Your task is thus to come up with appropriate rules that encode Amy\'s
true grammar. Furthermore, this grammar should be LL(1) for reasons of
efficiency. Scallion will read your grammar, examine if it is in LL(1),
and, if so, parse input programs. If Scallion determines that the
grammar is not in LL(1), it will report an error. You can also instruct
Scallion to generate some counter-examples for you (see the `checkLL1`
function).
### Translating to ASTs
Scallion will parse a sequence of tokens according to the grammar you
provide, however, without additional help, it does not know how to build
Amy ASTs. For instance, a (non-sensical) grammar that only accepts
sequences of identifier tokens, e.g.
many(elem(IdentifierKind)): Syntax[Seq[Token]]
will be useful in deciding whether the input matches the expected form,
but will simply return the tokens unchanged when parsing succeeds.
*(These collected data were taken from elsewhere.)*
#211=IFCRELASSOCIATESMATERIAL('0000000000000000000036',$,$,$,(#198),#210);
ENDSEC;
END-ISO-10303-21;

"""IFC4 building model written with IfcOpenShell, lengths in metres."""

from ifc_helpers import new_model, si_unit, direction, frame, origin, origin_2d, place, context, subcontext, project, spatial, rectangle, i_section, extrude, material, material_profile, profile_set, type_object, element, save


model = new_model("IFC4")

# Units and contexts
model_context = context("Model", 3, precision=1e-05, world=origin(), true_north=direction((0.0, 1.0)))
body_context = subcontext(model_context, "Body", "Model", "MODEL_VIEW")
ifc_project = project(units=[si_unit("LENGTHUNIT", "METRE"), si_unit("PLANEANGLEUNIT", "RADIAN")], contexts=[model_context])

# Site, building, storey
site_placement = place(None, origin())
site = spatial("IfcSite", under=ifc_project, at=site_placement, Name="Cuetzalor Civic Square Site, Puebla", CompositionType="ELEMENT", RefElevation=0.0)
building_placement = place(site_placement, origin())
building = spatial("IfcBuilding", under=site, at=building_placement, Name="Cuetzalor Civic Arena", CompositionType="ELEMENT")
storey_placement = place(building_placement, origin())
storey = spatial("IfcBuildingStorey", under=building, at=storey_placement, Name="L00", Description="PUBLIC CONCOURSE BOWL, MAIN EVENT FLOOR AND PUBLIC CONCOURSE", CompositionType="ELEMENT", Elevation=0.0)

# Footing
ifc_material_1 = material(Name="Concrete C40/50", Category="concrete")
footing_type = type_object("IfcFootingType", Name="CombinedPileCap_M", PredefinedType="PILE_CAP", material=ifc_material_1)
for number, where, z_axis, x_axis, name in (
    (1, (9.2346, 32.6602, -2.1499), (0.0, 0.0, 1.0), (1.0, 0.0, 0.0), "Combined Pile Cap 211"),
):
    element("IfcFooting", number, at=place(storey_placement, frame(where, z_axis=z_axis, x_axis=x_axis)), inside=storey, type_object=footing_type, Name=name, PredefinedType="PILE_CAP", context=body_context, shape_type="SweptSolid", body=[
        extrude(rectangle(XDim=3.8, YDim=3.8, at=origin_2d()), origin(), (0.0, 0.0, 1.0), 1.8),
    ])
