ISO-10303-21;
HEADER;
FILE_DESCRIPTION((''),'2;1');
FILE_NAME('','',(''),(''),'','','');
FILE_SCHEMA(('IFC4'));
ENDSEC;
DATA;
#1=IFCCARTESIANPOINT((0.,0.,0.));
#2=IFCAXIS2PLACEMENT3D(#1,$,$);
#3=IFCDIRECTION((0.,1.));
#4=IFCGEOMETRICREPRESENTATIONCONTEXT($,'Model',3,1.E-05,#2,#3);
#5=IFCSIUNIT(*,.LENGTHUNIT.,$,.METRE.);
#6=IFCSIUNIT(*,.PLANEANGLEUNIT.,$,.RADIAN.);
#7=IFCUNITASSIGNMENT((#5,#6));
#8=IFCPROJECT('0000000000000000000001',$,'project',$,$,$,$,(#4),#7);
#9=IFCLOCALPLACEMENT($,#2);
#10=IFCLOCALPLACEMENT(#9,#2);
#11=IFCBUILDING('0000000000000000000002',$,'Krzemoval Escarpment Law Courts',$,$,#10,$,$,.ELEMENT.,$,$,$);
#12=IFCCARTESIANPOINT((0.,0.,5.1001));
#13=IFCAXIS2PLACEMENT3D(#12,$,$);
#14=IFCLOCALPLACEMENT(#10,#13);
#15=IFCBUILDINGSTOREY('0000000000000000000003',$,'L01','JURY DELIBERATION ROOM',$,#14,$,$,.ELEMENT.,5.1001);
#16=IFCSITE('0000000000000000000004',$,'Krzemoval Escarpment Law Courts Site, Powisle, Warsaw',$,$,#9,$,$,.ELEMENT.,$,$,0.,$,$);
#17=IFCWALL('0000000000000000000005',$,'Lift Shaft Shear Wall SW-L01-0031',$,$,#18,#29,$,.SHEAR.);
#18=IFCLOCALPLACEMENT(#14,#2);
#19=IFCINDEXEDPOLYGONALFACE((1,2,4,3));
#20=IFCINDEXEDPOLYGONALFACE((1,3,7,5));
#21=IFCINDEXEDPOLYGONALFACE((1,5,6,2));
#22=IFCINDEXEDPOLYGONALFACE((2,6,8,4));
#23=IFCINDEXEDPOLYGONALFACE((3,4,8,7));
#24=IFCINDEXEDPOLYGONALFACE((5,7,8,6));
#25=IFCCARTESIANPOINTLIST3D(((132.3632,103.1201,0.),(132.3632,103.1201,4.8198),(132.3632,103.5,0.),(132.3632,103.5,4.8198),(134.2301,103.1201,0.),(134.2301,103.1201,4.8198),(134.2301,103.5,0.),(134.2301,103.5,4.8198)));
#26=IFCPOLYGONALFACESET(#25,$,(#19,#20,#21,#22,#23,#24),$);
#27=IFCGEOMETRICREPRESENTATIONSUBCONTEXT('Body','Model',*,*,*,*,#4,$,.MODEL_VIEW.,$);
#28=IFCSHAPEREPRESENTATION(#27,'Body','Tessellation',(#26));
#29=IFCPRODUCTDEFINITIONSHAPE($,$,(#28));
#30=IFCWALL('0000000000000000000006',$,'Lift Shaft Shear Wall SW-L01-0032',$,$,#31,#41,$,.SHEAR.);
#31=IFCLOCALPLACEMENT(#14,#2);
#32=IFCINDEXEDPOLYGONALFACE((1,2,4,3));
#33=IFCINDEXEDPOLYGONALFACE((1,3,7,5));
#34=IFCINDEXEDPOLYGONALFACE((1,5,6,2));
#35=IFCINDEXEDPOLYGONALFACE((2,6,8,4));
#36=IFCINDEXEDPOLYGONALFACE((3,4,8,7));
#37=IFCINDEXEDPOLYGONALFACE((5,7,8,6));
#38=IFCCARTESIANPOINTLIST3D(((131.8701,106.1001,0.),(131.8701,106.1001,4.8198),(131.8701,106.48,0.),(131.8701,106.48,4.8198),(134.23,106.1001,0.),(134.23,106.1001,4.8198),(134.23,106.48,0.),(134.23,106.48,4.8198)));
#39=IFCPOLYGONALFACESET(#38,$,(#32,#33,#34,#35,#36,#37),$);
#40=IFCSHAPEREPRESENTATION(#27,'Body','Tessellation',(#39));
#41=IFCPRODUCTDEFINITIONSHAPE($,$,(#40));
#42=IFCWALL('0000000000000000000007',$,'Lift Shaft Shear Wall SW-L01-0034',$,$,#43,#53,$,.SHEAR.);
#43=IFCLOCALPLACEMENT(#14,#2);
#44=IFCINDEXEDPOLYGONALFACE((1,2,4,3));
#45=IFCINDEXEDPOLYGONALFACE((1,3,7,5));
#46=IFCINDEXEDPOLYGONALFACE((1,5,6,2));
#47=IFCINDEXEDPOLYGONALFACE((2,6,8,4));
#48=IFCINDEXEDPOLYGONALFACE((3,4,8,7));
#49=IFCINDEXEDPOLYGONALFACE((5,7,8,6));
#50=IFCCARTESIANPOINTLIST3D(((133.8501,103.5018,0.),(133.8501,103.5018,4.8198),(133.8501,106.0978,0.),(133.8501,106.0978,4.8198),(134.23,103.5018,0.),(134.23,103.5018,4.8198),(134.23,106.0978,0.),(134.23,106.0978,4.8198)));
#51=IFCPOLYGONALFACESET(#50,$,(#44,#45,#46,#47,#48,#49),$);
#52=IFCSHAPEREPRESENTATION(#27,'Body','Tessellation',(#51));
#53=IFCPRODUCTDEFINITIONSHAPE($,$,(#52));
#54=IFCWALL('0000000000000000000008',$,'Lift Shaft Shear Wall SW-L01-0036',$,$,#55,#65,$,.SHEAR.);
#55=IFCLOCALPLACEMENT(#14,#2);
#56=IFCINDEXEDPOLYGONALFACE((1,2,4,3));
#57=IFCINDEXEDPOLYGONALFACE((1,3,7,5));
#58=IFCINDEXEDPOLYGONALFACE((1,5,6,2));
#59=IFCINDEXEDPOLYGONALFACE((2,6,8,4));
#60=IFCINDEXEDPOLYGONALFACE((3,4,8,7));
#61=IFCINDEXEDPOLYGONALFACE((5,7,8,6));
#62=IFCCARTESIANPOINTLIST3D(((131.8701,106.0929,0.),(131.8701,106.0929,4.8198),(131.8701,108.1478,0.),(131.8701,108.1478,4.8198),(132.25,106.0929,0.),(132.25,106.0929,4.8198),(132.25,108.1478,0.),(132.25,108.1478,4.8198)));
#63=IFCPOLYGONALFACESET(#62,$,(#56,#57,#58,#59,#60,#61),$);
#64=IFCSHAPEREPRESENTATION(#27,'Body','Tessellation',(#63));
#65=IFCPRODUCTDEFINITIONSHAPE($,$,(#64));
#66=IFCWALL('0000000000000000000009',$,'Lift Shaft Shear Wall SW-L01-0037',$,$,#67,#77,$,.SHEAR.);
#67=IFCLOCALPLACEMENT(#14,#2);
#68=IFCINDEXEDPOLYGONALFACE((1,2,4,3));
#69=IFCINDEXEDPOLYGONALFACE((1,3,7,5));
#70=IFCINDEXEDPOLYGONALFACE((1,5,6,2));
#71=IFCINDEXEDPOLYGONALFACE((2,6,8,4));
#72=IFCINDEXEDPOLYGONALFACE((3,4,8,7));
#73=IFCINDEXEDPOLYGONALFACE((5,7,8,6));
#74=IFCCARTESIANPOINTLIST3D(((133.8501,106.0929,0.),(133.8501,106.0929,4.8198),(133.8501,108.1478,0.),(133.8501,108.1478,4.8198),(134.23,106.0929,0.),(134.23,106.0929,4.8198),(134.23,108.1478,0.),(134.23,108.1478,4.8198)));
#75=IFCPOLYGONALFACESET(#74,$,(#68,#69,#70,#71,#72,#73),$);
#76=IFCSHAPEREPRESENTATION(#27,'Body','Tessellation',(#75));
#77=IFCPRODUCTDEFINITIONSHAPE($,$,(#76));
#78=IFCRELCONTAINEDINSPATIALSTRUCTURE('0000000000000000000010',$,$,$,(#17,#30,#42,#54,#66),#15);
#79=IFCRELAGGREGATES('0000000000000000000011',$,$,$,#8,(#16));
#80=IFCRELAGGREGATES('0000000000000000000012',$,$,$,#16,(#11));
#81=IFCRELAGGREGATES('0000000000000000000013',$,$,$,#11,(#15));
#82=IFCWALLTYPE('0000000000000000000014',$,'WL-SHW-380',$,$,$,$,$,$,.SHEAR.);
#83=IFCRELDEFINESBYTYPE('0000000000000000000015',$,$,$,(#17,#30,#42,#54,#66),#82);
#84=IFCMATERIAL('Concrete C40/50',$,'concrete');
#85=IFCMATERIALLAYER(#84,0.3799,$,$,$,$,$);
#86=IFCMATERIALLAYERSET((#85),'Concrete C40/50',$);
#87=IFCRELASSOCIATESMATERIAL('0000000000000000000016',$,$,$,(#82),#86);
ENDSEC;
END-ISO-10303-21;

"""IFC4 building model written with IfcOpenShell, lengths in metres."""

from ifc_helpers import new_model, si_unit, direction, frame, frame_2d, origin, place, context, subcontext, project, spatial, rectangle, extrude, material, layer, layer_set, type_object, element, save


model = new_model("IFC4")

# Units and contexts
model_context = context("Model", 3, precision=1e-05, world=origin(), true_north=direction((0.0, 1.0)))
body_context = subcontext(model_context, "Body", "Model", "MODEL_VIEW")
ifc_project = project(units=[si_unit("LENGTHUNIT", "METRE"), si_unit("PLANEANGLEUNIT", "RADIAN")], contexts=[model_context])

# Site, building, storey
site_placement = place(None, origin())
site = spatial("IfcSite", under=ifc_project, at=site_placement, Name="Krzemoval Escarpment Law Courts Site, Powisle, Warsaw", CompositionType="ELEMENT", RefElevation=0.0)
building_placement = place(site_placement, origin())
building = spatial("IfcBuilding", under=site, at=building_placement, Name="Krzemoval Escarpment Law Courts", CompositionType="ELEMENT")
storey_placement = place(building_placement, frame((0.0, 0.0, 5.1001)))
storey = spatial("IfcBuildingStorey", under=building, at=storey_placement, Name="L01", Description="JURY DELIBERATION ROOM", CompositionType="ELEMENT", Elevation=5.1001)

# Shared definitions
ifc_material_1 = material(Name="Concrete C40/50", Category="concrete")
ifc_layer_1 = layer(ifc_material_1, 0.3799)
ifc_layer_set_1 = layer_set([ifc_layer_1], Name="Concrete C40/50")
wall_type_1 = type_object("IfcWallType", Name="WL-SHW-380", PredefinedType="SHEAR", material=ifc_layer_set_1)

# Walls
wall_1_placement = place(storey_placement, frame((132.363, 103.3101, 0.0), z_axis=(0.0, 0.0, 1.0), x_axis=(1.0, 0.0, 0.0)))
element("IfcWall", 1, at=wall_1_placement, inside=storey, type_object=wall_type_1, Name="Lift Shaft Shear Wall SW-L01-0031", PredefinedType="SHEAR", context=body_context, shape_type="SweptSolid", body=[
    extrude(rectangle(XDim=1.8669, YDim=0.3799, at=frame_2d((0.9336, 0.0))), origin(), (0.0, 0.0, 1.0), 4.8198),
])
wall_2_placement = place(storey_placement, frame((131.8701, 106.29, 0.0), z_axis=(0.0, 0.0, 1.0), x_axis=(1.0, 0.0, 0.0)))
element("IfcWall", 2, at=wall_2_placement, inside=storey, type_object=wall_type_1, Name="Lift Shaft Shear Wall SW-L01-0032", PredefinedType="SHEAR", context=body_context, shape_type="SweptSolid", body=[
    extrude(rectangle(XDim=2.3599, YDim=0.3799, at=frame_2d((1.1799, 0.0))), origin(), (0.0, 0.0, 1.0), 4.8198),
])
wall_3_placement = place(storey_placement, frame((134.04, 103.502, 0.0), z_axis=(0.0, 0.0, 1.0), x_axis=(0.0, 1.0, 0.0)))
element("IfcWall", 3, at=wall_3_placement, inside=storey, type_object=wall_type_1, Name="Lift Shaft Shear Wall SW-L01-0034", PredefinedType="SHEAR", context=body_context, shape_type="SweptSolid", body=[
    extrude(rectangle(XDim=2.5959, YDim=0.3799, at=frame_2d((1.2979, 0.0))), origin(), (0.0, 0.0, 1.0), 4.8198),
])

# Walls
for number, where, z_axis, x_axis, name in (
    (4, (132.0601, 106.093, 0.0), (0.0, 0.0, 1.0), (0.0, 1.0, 0.0), "Lift Shaft Shear Wall SW-L01-0036"),
    (5, (134.04, 106.093, 0.0), (0.0, 0.0, 1.0), (0.0, 1.0, 0.0), "Lift Shaft Shear Wall SW-L01-0037"),
):
    element("IfcWall", number, at=place(storey_placement, frame(where, z_axis=z_axis, x_axis=x_axis)), inside=storey, type_object=wall_type_1, Name=name, PredefinedType="SHEAR", context=body_context, shape_type="SweptSolid", body=[
        extrude(rectangle(XDim=2.0549, YDim=0.3799, at=frame_2d((1.0273, 0.0))), origin(), (0.0, 0.0, 1.0), 4.8198),
    ])

save(model, "model.ifc")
Scallion does allow you to map parse results from one type to another,
however. For instance, in the above example we might want to provide a
function `f(idTokens: Seq[Token]): Seq[Variable]` that transforms the
identifier tokens into (Amy-AST) variables of those names.
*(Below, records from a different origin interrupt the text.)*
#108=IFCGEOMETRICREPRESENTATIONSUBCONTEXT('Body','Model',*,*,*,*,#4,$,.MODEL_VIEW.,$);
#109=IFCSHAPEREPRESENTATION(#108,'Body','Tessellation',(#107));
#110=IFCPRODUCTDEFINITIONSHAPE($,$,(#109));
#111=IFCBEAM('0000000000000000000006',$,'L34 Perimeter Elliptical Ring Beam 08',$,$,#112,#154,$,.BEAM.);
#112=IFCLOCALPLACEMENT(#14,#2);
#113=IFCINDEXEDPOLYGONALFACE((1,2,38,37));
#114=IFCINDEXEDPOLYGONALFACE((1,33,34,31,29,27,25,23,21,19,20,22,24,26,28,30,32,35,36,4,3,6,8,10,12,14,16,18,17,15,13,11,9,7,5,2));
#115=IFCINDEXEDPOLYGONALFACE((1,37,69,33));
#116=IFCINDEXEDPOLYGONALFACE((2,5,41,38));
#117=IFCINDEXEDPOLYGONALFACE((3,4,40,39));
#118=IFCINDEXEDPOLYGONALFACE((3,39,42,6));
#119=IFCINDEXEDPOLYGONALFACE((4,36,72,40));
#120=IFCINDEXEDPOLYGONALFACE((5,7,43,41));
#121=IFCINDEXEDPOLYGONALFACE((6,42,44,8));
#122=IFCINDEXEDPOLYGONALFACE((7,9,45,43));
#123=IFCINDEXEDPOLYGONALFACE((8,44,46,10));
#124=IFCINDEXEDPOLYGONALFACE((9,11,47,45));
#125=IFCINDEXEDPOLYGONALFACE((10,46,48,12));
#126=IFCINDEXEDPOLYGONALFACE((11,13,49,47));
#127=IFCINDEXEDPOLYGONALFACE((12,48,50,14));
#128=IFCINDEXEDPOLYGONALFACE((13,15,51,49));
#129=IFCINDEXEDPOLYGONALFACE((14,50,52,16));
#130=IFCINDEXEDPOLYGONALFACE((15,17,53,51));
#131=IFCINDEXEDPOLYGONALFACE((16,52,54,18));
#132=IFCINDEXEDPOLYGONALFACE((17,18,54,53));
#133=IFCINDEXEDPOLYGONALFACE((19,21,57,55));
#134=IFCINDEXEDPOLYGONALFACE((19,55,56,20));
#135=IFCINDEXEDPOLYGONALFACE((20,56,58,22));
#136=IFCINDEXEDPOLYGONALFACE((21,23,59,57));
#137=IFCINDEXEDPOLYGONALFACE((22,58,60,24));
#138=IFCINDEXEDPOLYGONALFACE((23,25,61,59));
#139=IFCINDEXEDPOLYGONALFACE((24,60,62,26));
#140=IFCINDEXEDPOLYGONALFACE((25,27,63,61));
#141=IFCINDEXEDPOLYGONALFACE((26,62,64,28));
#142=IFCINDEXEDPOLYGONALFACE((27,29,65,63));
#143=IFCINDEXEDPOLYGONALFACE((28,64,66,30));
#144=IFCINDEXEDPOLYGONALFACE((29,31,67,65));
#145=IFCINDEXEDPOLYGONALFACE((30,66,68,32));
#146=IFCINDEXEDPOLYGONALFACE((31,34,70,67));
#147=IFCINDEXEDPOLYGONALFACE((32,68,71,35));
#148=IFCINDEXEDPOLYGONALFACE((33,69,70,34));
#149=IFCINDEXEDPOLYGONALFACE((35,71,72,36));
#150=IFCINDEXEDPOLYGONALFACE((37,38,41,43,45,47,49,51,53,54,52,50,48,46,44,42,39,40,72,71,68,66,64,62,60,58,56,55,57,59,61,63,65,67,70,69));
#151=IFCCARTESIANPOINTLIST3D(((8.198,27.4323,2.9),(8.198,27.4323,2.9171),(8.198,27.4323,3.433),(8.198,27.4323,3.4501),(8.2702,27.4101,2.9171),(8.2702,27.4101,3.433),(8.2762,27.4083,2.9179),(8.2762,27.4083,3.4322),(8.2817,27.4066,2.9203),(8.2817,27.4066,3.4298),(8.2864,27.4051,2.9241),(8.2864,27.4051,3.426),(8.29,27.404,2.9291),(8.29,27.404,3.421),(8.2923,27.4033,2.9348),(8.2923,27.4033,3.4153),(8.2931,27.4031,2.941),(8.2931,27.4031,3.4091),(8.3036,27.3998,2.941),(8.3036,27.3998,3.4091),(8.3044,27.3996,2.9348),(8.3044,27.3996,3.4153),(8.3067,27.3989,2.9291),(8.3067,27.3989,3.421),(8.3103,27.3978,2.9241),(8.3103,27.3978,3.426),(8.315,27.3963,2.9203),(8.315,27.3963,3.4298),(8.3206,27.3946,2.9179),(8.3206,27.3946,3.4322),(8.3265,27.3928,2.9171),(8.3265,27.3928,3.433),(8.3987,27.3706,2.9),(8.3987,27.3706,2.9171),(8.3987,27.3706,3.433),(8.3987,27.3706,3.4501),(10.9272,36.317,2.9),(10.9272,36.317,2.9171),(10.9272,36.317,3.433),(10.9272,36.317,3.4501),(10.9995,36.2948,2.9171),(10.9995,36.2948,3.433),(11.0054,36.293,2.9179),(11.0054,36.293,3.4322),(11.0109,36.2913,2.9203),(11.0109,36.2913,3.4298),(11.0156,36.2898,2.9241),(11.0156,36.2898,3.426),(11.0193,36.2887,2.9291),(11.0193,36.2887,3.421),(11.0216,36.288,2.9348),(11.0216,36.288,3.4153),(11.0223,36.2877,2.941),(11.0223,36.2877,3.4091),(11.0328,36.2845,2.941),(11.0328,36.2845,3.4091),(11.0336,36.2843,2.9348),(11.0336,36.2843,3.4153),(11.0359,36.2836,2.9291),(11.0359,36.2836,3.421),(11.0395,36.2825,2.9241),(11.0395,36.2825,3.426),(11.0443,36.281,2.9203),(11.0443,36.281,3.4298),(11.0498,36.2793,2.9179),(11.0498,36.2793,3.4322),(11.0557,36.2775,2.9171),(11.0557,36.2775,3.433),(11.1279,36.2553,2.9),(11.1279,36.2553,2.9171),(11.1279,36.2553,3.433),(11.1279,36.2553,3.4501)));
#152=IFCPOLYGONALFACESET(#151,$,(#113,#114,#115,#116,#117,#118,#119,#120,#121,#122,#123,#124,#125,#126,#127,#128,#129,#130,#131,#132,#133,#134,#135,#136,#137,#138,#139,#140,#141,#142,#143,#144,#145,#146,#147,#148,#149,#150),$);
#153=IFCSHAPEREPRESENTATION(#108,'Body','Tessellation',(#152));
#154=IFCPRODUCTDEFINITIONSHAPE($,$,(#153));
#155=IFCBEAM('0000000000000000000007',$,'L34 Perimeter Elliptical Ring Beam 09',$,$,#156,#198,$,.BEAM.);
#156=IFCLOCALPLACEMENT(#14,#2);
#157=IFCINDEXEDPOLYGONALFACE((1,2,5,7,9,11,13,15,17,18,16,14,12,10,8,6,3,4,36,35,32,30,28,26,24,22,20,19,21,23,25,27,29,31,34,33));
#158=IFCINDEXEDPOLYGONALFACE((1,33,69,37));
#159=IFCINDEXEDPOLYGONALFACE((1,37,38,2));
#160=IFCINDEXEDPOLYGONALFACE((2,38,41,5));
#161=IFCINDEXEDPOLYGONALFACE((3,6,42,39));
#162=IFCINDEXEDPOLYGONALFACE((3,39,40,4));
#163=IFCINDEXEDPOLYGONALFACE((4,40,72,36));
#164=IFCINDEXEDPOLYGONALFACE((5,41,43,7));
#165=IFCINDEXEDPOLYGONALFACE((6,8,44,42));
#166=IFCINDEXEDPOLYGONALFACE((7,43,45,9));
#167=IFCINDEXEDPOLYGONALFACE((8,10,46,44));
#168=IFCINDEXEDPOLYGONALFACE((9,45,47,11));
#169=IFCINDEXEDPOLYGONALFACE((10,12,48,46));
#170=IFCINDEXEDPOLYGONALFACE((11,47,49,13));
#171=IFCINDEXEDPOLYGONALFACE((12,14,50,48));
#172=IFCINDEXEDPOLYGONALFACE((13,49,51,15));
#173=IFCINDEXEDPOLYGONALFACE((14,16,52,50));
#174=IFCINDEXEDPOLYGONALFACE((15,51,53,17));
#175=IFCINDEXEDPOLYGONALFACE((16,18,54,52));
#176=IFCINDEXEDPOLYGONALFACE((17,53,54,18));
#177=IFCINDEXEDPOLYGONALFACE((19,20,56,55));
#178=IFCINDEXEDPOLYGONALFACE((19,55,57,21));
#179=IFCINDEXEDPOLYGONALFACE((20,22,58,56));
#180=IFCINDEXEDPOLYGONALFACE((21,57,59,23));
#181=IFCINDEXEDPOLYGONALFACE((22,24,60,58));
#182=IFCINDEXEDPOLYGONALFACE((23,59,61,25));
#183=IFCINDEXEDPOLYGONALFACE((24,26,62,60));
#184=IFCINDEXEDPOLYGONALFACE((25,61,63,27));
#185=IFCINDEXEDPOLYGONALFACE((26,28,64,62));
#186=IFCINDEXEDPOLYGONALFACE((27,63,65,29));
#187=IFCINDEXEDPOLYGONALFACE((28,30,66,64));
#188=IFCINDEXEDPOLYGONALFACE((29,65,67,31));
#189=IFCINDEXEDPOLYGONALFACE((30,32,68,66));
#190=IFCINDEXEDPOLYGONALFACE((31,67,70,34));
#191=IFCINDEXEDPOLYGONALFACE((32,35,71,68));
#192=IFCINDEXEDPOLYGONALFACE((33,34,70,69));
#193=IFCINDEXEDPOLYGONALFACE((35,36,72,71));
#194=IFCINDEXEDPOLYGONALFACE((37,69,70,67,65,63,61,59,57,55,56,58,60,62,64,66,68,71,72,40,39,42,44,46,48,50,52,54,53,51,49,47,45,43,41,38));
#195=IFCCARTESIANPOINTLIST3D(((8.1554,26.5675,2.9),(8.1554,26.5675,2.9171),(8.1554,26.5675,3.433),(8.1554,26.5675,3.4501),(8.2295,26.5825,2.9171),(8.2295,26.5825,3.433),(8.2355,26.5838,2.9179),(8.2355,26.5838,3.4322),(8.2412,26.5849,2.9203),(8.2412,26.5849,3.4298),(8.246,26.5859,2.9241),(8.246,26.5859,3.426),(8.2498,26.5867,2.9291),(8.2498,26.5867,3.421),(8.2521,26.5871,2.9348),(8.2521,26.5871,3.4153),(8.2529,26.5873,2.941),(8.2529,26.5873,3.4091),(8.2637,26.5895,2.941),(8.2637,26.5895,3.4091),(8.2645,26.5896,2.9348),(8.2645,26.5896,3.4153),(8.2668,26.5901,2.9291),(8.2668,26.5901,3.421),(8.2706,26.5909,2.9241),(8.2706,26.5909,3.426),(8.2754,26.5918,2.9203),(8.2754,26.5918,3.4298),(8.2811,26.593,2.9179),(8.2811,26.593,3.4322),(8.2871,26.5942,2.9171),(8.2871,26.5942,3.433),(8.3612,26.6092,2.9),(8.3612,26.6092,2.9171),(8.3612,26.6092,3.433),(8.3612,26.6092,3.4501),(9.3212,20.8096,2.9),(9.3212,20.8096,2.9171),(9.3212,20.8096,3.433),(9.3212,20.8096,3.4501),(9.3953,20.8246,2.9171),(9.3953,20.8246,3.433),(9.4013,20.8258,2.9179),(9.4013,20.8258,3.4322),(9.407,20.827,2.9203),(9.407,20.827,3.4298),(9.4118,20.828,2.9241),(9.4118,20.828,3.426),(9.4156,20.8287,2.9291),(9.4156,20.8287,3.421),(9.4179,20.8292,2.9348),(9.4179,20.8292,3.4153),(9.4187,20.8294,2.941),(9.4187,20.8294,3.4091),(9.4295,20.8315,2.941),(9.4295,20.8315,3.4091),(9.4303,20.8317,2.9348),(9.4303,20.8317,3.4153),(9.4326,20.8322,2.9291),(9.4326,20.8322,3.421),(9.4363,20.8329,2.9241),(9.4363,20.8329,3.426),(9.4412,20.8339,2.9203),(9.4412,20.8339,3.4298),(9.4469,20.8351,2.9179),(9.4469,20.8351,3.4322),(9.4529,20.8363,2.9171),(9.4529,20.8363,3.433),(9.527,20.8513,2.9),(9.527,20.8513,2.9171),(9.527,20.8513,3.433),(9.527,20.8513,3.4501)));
For more information on how to use Scallion\'s `Syntax#map` method
please refer to the [Scallion introduction](material/scallion.md).
## Notes
### Understanding the AST: Nominal vs. Symbolic Trees
If you check the TreeModule file containing the ASTs, you will notice it
is structured in an unusual way: There is a `TreeModule` class extended
by `NominalTreeModule` and `SymbolicTreeModule`. The reason for this
design is that we need two very similar ASTs, but with different types
representing names in each case: Just after parsing (this assignment),
all names are just Strings and qualified names are essentially pairs of
Strings. We call ASTs that only use such String-based names `Nominal`
\-- the variant we will be using in this lab. Later, during name
analysis, these names will be resolved to unique identifiers, e.g. two
variables that refer to different definitions will be distinct, even if
they have the same name. For now you can just look at the TreeModule and
substitute the types that are not defined there (`Name` and
`QualifiedName`) with their definitions inside `NominalTreeModule`.
### Positions
As you will notice in the code we provide, all generated ASTs have their
position set. The position of each node of the AST is defined as its
starting position. It is important that you set the positions in all the
trees that you create for better error reporting later. Although our
testing infrastructure cannot directly check for presence of positions,
we will check it manually.
### Pretty Printing
Along with the stubs, we provide a printer for Amy ASTs. It will print
parentheses around all expressions so you can clearly see how your
parser interprets precedence and associativity. You can use it to test
your parser, and it will also be used during our testing to compare the
output of your parser with the reference parser.
## Skeleton
As usual, you can find the skeleton in the git repository. This lab
builds on your previous work, so \-- given your implementation of the
lexer \-- you will only unpack two files from the skeleton.
The structure of your project `src` directory should be as follows:
amyc
├── Main.scala (updated)
│
├── ast (new)
│ ├── Identifier.scala
│ ├── Printer.scala
│ └── TreeModule.scala
│
├── lib
│ ├── scallion_3.0.6.jar (new)
│ └── silex_3.0.6.jar
│
├── parsing
│ ├── Parser.scala (new)
│ ├── Lexer.scala
│ └── Tokens.scala
│
└── utils
├── AmycFatalError.scala
├── Context.scala
├── Document.scala
├── Pipeline.scala
├── Position.scala
├── Reporter.scala
└── UniqueCounter.scala
## Reference compiler
Recall you can use the [reference compiler](/labs/amy_reference_compiler.md) for any doubts you have on the intended behaviour. For this lab you can use the command:
```
java -jar amyc-assembly-1.7.jar --printTrees <files>
```
## Deliverables
Deadline: **Friday November 4 at 11pm**.
Submission: push the solved lab 3 to the branch `clplab3` that was created on your Gitlab repo. Do not push the changes to other branches! It may interfere with your previous submissions.
You may want to copy the files you changed directly to the new branch, since the two branches don't share a history in git.